Subprocess backends — Claude and Gemini run as CLI subprocesses (claude --print, gemini -p). This keeps auth transparent (Claude Code manages tokens) and avoids API costs on the Pro subscription path.
Local backend via httpx — Open WebUI's OpenAI-compatible API (/api/chat/completions). No CLI wrapper. Per-user host + model config in local_llm.json.

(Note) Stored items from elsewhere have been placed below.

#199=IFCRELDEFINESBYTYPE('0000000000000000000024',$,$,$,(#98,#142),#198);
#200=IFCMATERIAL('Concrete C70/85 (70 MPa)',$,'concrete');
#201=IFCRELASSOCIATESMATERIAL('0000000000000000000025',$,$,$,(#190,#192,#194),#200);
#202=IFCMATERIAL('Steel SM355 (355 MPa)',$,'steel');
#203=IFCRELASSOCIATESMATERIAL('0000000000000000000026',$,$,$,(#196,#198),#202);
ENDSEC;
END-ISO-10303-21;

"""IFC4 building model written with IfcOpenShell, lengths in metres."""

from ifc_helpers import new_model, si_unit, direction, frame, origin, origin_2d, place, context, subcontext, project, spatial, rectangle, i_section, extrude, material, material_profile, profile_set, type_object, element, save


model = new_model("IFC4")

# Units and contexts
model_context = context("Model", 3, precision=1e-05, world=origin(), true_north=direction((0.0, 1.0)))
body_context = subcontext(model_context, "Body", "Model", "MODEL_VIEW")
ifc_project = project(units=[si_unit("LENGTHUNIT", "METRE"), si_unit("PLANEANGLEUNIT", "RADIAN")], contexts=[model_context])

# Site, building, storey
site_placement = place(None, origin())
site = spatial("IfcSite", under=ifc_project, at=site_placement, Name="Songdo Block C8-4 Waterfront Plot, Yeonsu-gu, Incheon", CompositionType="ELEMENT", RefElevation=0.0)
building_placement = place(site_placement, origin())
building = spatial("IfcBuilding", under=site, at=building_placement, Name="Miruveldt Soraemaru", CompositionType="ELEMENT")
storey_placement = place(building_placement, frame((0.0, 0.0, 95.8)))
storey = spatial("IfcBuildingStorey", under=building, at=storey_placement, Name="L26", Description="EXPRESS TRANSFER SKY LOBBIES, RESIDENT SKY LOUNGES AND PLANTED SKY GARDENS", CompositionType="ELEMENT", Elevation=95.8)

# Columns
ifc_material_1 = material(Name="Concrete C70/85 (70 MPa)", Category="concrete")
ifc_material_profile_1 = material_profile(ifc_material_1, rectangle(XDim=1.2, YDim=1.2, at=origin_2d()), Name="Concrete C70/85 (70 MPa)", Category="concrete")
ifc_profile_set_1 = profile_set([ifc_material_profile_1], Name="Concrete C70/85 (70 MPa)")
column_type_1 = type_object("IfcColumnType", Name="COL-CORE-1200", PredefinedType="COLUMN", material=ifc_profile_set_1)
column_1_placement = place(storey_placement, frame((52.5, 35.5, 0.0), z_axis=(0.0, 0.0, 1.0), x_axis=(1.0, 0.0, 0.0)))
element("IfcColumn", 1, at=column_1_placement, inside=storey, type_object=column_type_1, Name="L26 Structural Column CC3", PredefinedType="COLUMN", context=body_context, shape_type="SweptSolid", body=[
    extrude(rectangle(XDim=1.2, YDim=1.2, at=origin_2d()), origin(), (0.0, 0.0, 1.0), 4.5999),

ContextVars for async isolation — persona.py uses Python contextvars.ContextVar so concurrent requests each see their own user/persona without thread-local hacks.
Per-user filesystem layout — home/{user}/persona/{name}/ mirrors Linux home directories. Each persona is a directory of markdown files and JSON. No database. Easy to inspect, edit, and back up.
No single point of coupling — tools live in cortex/tools/, separate from ae_* MCP tools. Channels live in cortex/routers/, each self-contained. Adding a channel or tool doesn't touch other subsystems.